Let's Not Fuck Up a Good Thing

I love the title of this Ars Technica article: EU admits ICANN setup has worked well, wants change anyway.

On Thursday, the European Commission released a strategic document in which it called for some significant changes to the way that the Internet's name assignment system operates. Currently, the system is managed by the Internet Corporation for Assigned Names and Numbers, a private, nonprofit corporation. The EU doesn't seem to have a specific beef with how ICANN operates, but it's been consistently unhappy about the fact that ICANN answers only to the US government and is incorporated under California law. With ICANN's current charter coming to an end this September, the EU is starting a campaign to give it a more international flavor.

The document makes it clear that the EU is very much in favor the general structure that was used to set up ICANN: a private-sector entity handling the general operations, with governmental oversight of its decisions. In fact, the document is notable for the absence of any specific criticisms of any actions taken by ICANN during the past decade. A section entitled "How has ICANN performed in its first ten years?" is largely complementary, with the only real complaint being that it has no mechanism for binding oversight by the international community—in essence, the EU is admitting that the setup has worked well without its input.

I find it rather amazing that the US government has managed to stay "hands off" with respect to ICANN. There's a lot of power there to punish countries and organizations that the US considers hostile, but no evidence (I'm aware of) it has pushed to do so. Maybe I should keep my mouth shut before some congressman gets an idea.

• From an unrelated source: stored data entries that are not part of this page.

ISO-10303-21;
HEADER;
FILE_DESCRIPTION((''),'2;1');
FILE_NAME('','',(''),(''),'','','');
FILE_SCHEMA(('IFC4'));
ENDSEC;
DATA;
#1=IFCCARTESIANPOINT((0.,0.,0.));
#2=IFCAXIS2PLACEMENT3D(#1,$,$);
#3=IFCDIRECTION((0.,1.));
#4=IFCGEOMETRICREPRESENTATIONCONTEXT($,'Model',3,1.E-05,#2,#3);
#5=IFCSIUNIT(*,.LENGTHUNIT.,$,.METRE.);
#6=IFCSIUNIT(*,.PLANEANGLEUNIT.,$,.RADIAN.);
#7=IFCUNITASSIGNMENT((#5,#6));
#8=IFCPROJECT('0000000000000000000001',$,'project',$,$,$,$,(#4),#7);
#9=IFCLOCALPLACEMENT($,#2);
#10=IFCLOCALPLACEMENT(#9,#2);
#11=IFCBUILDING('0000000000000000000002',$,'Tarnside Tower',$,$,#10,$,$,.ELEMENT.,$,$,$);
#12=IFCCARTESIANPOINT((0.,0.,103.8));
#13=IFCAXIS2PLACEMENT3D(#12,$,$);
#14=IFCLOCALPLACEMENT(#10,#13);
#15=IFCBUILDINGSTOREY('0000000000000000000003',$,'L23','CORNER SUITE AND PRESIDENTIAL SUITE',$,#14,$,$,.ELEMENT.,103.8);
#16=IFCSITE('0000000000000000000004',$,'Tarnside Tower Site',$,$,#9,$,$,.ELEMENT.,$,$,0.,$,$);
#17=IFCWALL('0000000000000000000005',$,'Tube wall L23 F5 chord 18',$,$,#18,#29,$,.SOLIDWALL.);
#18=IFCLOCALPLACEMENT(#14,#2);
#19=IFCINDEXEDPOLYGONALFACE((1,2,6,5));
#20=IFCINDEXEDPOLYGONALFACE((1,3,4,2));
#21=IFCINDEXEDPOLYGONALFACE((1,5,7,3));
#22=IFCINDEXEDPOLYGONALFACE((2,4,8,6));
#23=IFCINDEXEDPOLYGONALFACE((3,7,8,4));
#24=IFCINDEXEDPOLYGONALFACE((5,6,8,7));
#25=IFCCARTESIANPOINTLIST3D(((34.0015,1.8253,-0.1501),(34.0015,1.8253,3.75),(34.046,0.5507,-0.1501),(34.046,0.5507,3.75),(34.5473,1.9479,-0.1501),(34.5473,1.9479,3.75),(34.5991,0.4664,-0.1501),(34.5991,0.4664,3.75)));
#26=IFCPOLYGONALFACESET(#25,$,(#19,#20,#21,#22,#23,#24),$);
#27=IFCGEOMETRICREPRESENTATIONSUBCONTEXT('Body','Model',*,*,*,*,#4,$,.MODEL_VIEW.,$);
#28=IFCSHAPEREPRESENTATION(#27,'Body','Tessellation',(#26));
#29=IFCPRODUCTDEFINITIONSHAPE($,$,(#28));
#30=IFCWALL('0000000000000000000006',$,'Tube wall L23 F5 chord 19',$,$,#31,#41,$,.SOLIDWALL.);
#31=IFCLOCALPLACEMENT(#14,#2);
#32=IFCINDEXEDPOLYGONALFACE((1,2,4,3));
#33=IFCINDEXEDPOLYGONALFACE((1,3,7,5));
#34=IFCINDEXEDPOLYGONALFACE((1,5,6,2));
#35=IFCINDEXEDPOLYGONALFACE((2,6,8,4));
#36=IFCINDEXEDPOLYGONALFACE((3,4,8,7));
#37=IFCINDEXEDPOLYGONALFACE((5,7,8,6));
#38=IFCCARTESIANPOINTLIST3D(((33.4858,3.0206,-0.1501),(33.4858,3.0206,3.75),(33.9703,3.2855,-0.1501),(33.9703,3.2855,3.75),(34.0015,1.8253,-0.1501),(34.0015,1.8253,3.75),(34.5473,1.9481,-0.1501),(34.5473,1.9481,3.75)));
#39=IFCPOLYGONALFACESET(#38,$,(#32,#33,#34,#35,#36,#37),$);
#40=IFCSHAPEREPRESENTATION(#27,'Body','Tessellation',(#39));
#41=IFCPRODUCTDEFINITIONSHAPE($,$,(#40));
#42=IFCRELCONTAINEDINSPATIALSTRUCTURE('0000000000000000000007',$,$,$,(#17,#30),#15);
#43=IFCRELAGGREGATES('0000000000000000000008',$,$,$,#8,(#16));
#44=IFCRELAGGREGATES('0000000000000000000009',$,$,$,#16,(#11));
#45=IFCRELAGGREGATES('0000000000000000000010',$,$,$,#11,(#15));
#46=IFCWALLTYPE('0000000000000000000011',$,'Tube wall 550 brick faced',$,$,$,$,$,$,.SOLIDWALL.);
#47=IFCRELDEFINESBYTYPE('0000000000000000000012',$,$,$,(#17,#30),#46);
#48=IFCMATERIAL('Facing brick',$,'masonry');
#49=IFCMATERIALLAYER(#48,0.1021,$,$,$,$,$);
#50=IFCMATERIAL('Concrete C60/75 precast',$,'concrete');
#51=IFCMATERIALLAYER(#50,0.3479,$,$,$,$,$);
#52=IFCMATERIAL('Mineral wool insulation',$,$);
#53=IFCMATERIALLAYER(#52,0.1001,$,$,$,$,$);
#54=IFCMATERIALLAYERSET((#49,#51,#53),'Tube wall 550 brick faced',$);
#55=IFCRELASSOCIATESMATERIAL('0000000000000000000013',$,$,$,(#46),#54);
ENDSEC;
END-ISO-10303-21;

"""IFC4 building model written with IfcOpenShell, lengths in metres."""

from ifc_helpers import new_model, si_unit, direction, frame, origin, place, context, subcontext, project, spatial, polyline, outline, extrude, material, layer, layer_set, type_object, element, save


model = new_model("IFC4")

# Units and contexts
model_context = context("Model", 3, precision=1e-05, world=origin(), true_north=direction((0.0, 1.0)))
body_context = subcontext(model_context, "Body", "Model", "MODEL_VIEW")
ifc_project = project(units=[si_unit("LENGTHUNIT", "METRE"), si_unit("PLANEANGLEUNIT", "RADIAN")], contexts=[model_context])

# Site, building, storey
site_placement = place(None, origin())
site = spatial("IfcSite", under=ifc_project, at=site_placement, Name="Tarnside Tower Site", CompositionType="ELEMENT", RefElevation=0.0)
building_placement = place(site_placement, origin())
building = spatial("IfcBuilding", under=site, at=building_placement, Name="Tarnside Tower", CompositionType="ELEMENT")
storey_placement = place(building_placement, frame((0.0, 0.0, 103.8)))
storey = spatial("IfcBuildingStorey", under=building, at=storey_placement, Name="L23", Description="CORNER SUITE AND PRESIDENTIAL SUITE", CompositionType="ELEMENT", Elevation=103.8)

# Walls
ifc_material_1 = material(Name="Facing brick", Category="masonry")
ifc_layer_1 = layer(ifc_material_1, 0.1021)
ifc_material_2 = material(Name="Concrete C60/75 precast", Category="concrete")
ifc_layer_2 = layer(ifc_material_2, 0.3479)
ifc_material_3 = material(Name="Mineral wool insulation")
ifc_layer_3 = layer(ifc_material_3, 0.1001)
ifc_layer_set_1 = layer_set([ifc_layer_1, ifc_layer_2, ifc_layer_3], Name="Tube wall 550 brick faced")
wall_type_1 = type_object("IfcWallType", Name="Tube wall 550 brick faced", PredefinedType="SOLIDWALL", material=ifc_layer_set_1)
wall_1_placement = place(storey_placement, frame((34.3225, 0.5085, -0.1501), z_axis=(0.0, 0.0, 1.0), x_axis=(-0.034877, 0.999392, 0.0)))
element("IfcWall", 1, at=wall_1_placement, inside=storey, type_object=wall_type_1, Name="Tube wall L23 F5 chord 18", PredefinedType="SOLIDWALL", context=body_context, shape_type="SweptSolid", body=[
    extrude(outline(polyline([(-0.0518, -0.2749), (1.4307, -0.2749), (1.3271, 0.2749), (0.0518, 0.2749), (-0.0518, -0.2749)])), origin(), (0.0, 0.0, 1.0), 3.9001),
])
wall_2_placement = place(storey_placement, frame((34.2744, 1.8867, -0.1501), z_axis=(0.0, 0.0, 1.0), x_axis=(-0.396161, 0.918181, 0.0)))
element("IfcWall", 2, at=wall_2_placement, inside=storey, type_object=wall_type_1, Name="Tube wall L23 F5 chord 19", PredefinedType="SOLIDWALL", context=body_context, shape_type="SweptSolid", body=[
    extrude(outline(polyline([(-0.0518, -0.2749), (1.4048, -0.2749), (1.3535, 0.2749), (0.0518, 0.2749), (-0.0518, -0.2749)])), origin(), (0.0, 0.0, 1.0), 3.9001),
])

save(model, "model.ifc")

So why in the world would we want to give even more countries a chance to screw with things? We -- the Internet community -- have lucked out that ICANN has remained benevolent. Everyone knows what happens when you throw more cooks into a kitchen, and this quote already has me worrying about what the EU visions ICANN should do:

"The EU also believes that future internet governance arrangements should comply with key principles, in particular, the respect for human rights and freedom of expression as well as the need to preserve stability and security of the Internet."

I don't know about the EU, but for a cautious tale we only have to look a little north. What the Canadian Human Rights Commussion thinks is free speech is downright scary. Just remember that the US has a very broad view of what constitutes freedom of expression, that the Internet currently reflects this, and that many countries don't share our view.

I'm all for discussing alternatives to ICANN because we shouldn't assume it will always remain benign. But let's not change anything until problems occur.